The 20 squares in this image are the 20 chromosomes of P. tinctoria. In the process of assembly and error correction, the original 322 contigs were rearranged cording to the interaction map, and a total of 322 contigs were formed and sequenced. Finally, 20 chromosomes were constructed, including 84 contigs with a total length of 1.66 Gb and a contig N50 = 34.06 Mb, scaffold N50 = 82.35 Mb, representing 98.55% of the original genome length. We divided the assembled genome into two subgenomes, with subgenome A containing 10 chromosomes named A01 to A10, with subgenome B containing 10 chromosomes named B01 to B10 (Fig. 3). The genome size of subgenome A and subgenome B was 888.67 Mb and 771.58 Mb, respectively. In subgenome A, the longest chromosome was A01 with sequence length of 100,276,464 bp, and the shortest chromosome was A10 with sequence length of 72,367,963 bp. In subgenome B, the longest chromosome was B01 with sequence length of 85,563,471 bp, and the shortest chromosome was B10 with sequence length of 67,428,849 bp. The scaffold N50 length of subgenome A and subgenome B were 90.56 Mb and 76.84 Mb, respectively (Table 2).
Hi-C interaction heatmap with a resolution of 500 kb. The strength of Hi-C interaction within chromosomes was represented by color, ranging from red (indicating high interaction strength) to yellow (indicating low interaction strength).

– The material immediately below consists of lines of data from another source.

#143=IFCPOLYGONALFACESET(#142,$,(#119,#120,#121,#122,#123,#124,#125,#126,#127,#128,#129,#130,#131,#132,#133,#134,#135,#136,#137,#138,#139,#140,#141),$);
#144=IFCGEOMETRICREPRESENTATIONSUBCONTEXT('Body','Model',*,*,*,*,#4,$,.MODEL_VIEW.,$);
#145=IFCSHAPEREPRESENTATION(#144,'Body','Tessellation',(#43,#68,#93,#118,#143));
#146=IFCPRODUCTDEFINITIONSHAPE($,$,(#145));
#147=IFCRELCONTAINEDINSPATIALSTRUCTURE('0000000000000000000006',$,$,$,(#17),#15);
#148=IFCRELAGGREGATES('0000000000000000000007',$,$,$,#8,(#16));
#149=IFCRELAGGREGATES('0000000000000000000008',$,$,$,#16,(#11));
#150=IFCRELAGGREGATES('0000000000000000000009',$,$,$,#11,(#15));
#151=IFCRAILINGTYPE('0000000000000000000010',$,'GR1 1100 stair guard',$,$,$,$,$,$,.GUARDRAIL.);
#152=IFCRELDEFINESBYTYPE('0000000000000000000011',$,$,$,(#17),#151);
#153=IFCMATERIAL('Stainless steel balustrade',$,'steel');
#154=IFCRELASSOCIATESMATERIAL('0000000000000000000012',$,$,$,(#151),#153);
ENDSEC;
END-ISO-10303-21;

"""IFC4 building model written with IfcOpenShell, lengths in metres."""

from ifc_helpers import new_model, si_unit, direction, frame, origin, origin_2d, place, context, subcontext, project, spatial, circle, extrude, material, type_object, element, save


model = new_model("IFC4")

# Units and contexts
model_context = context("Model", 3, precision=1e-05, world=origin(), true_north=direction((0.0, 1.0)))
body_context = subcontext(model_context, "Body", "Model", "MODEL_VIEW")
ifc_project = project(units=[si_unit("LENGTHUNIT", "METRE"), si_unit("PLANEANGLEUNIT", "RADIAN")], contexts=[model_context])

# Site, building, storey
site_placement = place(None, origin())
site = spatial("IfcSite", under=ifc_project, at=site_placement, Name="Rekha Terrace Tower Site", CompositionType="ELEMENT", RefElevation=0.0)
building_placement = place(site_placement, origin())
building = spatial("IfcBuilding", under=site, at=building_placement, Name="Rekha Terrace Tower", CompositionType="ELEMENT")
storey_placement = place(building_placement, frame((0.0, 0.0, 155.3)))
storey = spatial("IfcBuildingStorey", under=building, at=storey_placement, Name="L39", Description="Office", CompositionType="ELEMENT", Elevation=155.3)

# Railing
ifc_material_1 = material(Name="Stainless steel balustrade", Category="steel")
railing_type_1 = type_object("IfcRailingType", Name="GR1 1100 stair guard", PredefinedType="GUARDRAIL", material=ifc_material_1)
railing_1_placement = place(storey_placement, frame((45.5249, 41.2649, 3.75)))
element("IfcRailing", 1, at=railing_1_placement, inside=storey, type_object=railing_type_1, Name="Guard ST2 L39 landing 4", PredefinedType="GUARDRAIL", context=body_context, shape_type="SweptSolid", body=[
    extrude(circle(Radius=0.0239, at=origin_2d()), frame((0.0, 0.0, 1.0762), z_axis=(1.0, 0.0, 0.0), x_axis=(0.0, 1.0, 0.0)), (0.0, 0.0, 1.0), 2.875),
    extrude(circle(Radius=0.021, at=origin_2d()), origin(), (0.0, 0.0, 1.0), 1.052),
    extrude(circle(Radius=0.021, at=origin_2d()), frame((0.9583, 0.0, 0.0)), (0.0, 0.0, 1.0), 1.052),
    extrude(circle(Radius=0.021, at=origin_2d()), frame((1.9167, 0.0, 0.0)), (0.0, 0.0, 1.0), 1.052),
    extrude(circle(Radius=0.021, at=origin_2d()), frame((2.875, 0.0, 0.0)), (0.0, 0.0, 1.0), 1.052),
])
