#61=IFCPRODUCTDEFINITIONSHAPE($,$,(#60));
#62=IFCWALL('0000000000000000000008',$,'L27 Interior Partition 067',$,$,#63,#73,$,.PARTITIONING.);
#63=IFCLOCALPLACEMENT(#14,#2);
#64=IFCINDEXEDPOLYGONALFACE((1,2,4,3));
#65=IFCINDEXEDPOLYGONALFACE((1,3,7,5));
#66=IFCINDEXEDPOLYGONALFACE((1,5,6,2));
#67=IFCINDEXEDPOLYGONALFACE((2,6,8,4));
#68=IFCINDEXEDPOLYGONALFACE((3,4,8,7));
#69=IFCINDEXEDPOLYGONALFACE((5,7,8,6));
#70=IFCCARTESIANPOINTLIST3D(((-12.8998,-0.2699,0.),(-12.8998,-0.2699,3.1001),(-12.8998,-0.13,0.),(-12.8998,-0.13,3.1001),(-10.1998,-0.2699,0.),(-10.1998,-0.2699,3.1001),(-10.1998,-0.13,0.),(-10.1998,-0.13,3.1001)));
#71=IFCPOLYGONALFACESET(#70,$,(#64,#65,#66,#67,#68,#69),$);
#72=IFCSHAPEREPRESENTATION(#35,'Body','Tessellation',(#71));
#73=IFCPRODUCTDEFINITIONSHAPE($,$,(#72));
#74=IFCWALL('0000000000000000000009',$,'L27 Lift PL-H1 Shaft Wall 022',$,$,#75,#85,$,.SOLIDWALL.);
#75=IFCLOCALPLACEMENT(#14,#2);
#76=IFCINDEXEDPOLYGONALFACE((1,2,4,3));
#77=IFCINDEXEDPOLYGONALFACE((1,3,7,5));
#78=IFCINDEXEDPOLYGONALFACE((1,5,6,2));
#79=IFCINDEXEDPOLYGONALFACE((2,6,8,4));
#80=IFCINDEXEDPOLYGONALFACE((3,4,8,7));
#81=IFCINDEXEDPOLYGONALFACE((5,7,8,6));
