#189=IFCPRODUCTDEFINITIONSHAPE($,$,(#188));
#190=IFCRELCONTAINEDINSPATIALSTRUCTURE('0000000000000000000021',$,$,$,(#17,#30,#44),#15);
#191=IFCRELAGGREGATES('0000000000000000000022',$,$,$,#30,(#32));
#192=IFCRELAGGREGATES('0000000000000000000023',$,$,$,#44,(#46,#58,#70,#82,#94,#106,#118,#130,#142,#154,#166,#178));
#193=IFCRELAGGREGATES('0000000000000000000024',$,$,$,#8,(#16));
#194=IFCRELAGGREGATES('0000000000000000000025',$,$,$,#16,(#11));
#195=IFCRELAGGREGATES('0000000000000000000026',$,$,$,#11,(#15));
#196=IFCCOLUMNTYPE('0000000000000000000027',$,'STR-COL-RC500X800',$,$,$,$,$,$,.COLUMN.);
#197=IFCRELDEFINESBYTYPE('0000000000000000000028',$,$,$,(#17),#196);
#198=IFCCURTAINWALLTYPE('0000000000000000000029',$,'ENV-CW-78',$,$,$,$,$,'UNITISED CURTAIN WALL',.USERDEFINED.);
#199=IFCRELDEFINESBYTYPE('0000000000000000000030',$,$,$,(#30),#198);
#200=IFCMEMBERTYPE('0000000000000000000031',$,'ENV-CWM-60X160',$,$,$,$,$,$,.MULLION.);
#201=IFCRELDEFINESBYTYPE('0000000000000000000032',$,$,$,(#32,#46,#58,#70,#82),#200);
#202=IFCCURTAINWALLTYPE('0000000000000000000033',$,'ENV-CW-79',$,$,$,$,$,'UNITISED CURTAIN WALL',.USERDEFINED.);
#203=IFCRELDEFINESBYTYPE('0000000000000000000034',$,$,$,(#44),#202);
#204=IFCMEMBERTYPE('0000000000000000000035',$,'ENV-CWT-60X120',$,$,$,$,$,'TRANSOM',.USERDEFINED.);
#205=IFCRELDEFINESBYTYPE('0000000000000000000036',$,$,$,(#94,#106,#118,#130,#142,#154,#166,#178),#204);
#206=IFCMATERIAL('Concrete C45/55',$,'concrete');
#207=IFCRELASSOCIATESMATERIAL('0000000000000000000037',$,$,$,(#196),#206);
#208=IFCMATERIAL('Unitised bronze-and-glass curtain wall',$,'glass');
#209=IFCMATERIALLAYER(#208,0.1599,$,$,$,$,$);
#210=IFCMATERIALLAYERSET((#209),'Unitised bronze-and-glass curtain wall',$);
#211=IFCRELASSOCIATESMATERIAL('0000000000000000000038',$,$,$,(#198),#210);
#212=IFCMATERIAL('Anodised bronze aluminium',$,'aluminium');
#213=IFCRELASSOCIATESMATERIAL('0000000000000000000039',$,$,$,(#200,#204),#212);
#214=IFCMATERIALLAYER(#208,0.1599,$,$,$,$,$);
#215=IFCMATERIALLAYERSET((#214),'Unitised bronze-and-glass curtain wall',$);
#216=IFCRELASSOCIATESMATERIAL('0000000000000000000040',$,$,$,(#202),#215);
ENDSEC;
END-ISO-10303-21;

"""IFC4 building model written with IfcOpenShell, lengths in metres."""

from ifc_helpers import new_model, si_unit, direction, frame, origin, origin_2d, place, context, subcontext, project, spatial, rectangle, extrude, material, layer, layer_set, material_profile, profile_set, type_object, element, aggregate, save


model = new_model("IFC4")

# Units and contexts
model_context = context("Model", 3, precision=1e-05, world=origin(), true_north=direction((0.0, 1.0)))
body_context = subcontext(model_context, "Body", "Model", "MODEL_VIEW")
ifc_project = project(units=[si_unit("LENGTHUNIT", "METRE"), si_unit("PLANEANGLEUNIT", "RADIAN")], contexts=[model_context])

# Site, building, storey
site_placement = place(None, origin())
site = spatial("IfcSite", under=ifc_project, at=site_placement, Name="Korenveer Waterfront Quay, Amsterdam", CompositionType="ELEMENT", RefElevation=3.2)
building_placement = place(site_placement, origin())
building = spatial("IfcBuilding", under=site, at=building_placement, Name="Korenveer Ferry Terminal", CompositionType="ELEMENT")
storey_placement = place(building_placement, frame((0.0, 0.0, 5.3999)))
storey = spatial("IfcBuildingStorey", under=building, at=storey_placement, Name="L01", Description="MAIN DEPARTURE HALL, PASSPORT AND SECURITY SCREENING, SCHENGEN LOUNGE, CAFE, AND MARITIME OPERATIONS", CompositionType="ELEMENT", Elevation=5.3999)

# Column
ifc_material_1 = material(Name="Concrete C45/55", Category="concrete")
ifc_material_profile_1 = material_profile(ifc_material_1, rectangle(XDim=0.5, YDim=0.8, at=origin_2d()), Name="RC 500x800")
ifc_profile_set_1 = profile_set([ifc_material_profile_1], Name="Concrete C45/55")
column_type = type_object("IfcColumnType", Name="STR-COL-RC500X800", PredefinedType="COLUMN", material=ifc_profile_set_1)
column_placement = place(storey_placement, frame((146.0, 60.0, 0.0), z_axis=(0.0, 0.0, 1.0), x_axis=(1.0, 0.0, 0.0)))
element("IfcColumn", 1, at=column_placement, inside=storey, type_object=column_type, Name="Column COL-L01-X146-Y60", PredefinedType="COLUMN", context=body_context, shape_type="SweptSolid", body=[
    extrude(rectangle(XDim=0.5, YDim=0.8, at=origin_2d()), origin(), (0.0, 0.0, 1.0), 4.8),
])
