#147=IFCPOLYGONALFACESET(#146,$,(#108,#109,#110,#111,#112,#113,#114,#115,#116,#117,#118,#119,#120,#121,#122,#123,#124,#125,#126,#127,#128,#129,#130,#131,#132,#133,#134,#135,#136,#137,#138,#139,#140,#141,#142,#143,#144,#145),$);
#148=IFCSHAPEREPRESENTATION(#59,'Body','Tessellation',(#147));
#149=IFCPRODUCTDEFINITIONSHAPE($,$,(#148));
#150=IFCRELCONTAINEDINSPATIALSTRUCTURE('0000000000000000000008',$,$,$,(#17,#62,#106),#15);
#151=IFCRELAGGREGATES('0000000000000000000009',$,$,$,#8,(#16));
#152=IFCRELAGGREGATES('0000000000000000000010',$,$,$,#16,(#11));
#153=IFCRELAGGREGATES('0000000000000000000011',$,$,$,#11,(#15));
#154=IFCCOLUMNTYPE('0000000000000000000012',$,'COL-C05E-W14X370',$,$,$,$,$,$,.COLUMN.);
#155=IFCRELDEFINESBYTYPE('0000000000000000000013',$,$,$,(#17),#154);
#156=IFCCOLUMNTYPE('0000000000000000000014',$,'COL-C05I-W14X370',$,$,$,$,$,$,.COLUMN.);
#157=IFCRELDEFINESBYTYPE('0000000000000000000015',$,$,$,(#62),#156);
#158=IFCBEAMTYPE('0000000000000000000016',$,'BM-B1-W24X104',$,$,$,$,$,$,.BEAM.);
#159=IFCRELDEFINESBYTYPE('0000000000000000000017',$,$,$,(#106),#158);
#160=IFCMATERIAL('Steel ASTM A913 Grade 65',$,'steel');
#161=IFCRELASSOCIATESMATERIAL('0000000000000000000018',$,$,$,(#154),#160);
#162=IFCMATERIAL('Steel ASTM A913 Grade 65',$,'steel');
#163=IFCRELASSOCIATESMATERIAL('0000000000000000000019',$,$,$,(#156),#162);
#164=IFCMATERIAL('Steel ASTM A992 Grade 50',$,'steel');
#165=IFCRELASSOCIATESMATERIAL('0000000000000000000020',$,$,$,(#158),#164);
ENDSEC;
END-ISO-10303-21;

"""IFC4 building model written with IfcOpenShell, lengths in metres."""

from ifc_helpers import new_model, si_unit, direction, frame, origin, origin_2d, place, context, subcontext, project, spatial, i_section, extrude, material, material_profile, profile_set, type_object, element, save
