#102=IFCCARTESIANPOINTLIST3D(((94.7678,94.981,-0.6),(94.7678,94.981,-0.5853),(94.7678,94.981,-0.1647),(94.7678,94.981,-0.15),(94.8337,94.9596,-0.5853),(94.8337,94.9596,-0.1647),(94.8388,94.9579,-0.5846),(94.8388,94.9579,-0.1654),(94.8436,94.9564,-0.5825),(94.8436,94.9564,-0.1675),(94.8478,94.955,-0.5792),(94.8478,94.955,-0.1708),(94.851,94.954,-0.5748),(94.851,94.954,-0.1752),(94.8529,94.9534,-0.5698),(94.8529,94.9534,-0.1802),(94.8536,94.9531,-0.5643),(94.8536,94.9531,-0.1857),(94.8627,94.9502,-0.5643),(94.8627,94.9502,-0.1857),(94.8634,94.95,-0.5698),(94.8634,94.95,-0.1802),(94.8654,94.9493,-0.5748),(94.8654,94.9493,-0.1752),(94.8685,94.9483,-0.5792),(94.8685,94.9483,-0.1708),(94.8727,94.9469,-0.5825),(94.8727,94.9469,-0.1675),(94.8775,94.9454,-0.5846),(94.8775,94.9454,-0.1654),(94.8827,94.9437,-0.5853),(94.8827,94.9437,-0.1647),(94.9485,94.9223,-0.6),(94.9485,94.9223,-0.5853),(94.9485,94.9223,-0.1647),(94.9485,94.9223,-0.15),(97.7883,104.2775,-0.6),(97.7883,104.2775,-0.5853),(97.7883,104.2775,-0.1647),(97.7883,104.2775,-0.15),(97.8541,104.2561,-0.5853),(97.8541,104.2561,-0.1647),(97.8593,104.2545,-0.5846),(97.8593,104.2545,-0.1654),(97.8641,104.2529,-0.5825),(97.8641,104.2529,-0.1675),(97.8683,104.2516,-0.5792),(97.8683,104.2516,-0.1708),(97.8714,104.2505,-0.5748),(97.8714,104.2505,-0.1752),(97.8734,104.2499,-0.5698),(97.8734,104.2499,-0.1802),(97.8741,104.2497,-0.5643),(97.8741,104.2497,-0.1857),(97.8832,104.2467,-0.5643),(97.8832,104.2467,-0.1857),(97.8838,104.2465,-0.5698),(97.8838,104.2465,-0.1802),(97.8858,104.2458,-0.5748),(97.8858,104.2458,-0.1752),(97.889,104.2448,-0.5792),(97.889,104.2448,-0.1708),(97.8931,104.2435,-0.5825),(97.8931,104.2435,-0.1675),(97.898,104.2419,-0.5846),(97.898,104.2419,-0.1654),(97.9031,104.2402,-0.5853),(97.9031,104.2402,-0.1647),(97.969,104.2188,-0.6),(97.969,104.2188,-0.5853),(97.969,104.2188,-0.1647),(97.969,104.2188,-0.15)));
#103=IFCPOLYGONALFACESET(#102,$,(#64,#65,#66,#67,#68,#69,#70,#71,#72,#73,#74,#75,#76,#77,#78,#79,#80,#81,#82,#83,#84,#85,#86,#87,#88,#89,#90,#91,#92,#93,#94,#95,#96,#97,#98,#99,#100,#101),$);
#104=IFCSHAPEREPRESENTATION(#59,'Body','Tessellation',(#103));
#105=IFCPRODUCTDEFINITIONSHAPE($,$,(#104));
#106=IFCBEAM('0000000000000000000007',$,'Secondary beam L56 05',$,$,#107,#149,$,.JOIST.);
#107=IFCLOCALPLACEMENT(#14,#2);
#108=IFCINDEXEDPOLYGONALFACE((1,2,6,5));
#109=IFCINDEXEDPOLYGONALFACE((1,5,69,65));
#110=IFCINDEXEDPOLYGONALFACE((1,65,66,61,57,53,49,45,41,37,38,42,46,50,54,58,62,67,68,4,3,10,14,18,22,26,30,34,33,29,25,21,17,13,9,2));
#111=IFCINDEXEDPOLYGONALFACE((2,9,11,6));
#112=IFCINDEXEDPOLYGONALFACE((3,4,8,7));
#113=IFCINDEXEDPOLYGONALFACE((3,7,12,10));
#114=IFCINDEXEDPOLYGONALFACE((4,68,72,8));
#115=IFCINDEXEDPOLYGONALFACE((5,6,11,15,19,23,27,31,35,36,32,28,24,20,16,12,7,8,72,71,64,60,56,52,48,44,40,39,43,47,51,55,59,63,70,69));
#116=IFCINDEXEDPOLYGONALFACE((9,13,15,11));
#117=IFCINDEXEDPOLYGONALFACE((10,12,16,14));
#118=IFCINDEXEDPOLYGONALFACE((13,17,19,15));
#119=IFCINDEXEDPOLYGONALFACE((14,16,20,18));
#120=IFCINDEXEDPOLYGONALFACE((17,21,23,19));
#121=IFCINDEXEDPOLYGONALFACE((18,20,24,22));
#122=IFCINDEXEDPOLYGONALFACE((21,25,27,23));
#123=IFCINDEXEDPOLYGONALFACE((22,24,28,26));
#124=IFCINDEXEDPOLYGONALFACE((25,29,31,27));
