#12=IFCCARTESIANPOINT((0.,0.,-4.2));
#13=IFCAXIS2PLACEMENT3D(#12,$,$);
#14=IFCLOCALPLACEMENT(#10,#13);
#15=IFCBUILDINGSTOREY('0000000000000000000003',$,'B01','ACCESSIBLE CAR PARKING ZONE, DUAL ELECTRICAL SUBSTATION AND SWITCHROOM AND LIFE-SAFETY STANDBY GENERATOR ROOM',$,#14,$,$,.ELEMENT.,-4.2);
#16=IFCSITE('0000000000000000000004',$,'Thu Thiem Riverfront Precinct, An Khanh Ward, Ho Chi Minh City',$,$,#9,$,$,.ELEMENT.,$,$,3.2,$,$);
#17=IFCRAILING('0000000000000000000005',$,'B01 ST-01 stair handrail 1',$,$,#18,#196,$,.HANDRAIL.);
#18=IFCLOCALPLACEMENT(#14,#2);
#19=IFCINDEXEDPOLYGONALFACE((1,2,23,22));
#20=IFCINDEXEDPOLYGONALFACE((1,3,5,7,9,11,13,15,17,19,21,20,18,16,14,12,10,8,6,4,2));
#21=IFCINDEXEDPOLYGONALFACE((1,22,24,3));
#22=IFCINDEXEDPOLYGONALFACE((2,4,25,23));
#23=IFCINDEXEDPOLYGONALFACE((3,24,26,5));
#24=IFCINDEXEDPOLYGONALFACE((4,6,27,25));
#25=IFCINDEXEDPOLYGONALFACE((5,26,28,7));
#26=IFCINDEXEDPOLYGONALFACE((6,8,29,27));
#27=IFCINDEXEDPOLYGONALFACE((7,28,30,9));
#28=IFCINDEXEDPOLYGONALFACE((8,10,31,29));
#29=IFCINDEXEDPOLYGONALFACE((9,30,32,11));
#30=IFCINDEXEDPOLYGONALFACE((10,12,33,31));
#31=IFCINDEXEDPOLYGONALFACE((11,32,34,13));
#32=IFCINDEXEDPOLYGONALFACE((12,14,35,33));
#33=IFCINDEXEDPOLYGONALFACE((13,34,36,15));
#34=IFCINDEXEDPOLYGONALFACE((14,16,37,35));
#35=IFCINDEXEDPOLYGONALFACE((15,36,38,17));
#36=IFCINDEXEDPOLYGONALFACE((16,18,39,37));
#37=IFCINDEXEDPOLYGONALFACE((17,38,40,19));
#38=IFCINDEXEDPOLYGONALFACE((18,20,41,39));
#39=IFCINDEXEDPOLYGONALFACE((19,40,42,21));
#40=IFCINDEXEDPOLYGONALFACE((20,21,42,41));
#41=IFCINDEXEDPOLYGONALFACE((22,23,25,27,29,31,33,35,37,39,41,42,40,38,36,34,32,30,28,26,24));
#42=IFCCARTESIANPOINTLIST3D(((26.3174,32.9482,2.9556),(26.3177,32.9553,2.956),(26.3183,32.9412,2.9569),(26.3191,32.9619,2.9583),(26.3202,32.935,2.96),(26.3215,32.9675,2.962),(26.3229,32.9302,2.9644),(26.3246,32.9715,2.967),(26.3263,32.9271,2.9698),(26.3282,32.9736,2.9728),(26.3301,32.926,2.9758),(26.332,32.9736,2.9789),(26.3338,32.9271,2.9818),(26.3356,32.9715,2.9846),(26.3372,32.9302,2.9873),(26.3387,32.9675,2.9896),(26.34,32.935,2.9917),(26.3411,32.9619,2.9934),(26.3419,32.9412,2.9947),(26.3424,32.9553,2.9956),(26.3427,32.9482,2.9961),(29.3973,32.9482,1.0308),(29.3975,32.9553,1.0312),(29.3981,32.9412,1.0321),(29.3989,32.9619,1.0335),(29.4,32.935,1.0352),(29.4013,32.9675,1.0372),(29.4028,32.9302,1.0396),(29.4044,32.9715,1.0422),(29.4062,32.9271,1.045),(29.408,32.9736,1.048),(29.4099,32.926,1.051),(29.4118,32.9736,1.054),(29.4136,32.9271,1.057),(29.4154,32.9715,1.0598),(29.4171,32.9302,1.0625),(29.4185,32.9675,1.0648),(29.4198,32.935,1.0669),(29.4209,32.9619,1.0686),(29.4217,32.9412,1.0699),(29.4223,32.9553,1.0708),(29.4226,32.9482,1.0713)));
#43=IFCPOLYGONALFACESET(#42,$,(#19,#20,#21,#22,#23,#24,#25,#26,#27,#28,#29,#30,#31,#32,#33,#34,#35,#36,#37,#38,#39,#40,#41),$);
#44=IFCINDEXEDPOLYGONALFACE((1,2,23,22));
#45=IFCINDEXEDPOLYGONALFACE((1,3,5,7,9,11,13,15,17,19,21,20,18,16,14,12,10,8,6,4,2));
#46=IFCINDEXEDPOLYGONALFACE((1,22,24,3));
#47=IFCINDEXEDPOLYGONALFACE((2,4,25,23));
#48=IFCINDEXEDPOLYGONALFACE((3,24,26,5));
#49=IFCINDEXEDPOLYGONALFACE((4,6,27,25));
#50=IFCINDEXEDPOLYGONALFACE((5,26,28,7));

In the 20 chromosomes of subgenomes A and B, genes and repetitive sequences were unevenly distributed on the chromosomes. The gene density was higher at the terminal positions with fewer repetitive sequences, while the gene density was lower in the intermediate positions with a higher proportion of repetitive sequences. The chromosomes exhibited the highest number of transfer RNAs (tRNAs) and the lowest number of microRNAs (miRNAs). The GC content ranged from 29% to 57%, with an average GC content of 39.25% for the subgenome A and 38.91% for the subgenome B. Additionally, a large number of synteny blocks demonstrated high synteny between the two subgenomes of P. tinctoria (Fig. 4).
Overview of the P. tinctoria genome assembly. (a) The chromosomes of subgenome A and B (scale is 1 M for each), the subgenome A comprised chromosomes A01 to A10, while the subgenome B encompassed chromosomes B01 to B10. (b) The Y-axis represents the gene density of subgenome A and B, measured in 1 Mb windows, with a range from 0 to 136. (c) The Y-axis represents the repeat sequence of subgenome A and B with 1 Mb windows, with values ranging from 0% to 100%. (d) Distribution of ncRNA in subgenome A and B with 1 Mb (ribosomal RNA: purple, small nuclear RNA: red, transfer RNA: green, microRNA: blue). (e) The Y-axis represents the GC content of subgenome A and B, using 1 Mb windows, and ranges from 29% to 57%. (f) Intersubgenome syntenic gene pairs of P. tinctoria in subgenome A and B.
Transcriptome sequencing
The P. tinctoria tisssue was originally collected from inflorescences, flowers, roots, stems and leaves. Total RNA was extracted using Trizol reagent (Invitrogen, CA, USA). Sequencing libraries were generated using the VAHTS Universal V6 RNA-seq Library Kit for MGI (Vazyme, Nanjing, China) following the manufacturer’s recommendations. Subsequently, sequencing was performed on a MGI-SEQ. 2000 platform by Frasergen Bioinformatics Co., Ltd. (Wuhan, China). Finally, a total of 23.43 Gb RNA-seq clean data were obtained for genome annotation (Table 1).
Genome annotation
After the assembly of the P. tinctoria genome, multiple software programs were used to annotate the repeat sequences throughout the whole genome. TRF software (v4.09)48 was used to annotate the tandem repeat sequences in P. tinctoria and explained 7.37% of the repeat sequences of the whole genome. RepeatMasker software (v4.1.2)49 and RepeatProteinMask software were used to predict sequences similar to those in the known repeat sequence database Repbase, which annotated 23.85% repeat sequences of the whole genome. De novo prediction of repeat sequences in P. tinctoria accounted for 74.92% of the repeats in the whole genome. Finally, the results obtained by above annotation methods were compared, and the redundant results were removed. The proportion of total repeat sequences in the genome has been conclusively determined to be 77.9%. In the P. tinctoria genome, the transposable element (TE) type had the highest content of repetitive sequences, accounting for 77.31%, and we further categorized them. A total of 5.25% of the repeats sequences were DNA transposons, 8.36% were long interspersed nuclear elements (LINE)(>1000 bp), and 0.02% were short interspersed nuclear elements (SINE)(approximately 300 bp). 64.30% repeat sequences were long terminal repeat sequences (LTR) (1.5 kbp-10 kbp), among which 28.33% were Copia, and 28.67% were Gypsy. 4.7% of repeat sequences could not be annotated (Table 3).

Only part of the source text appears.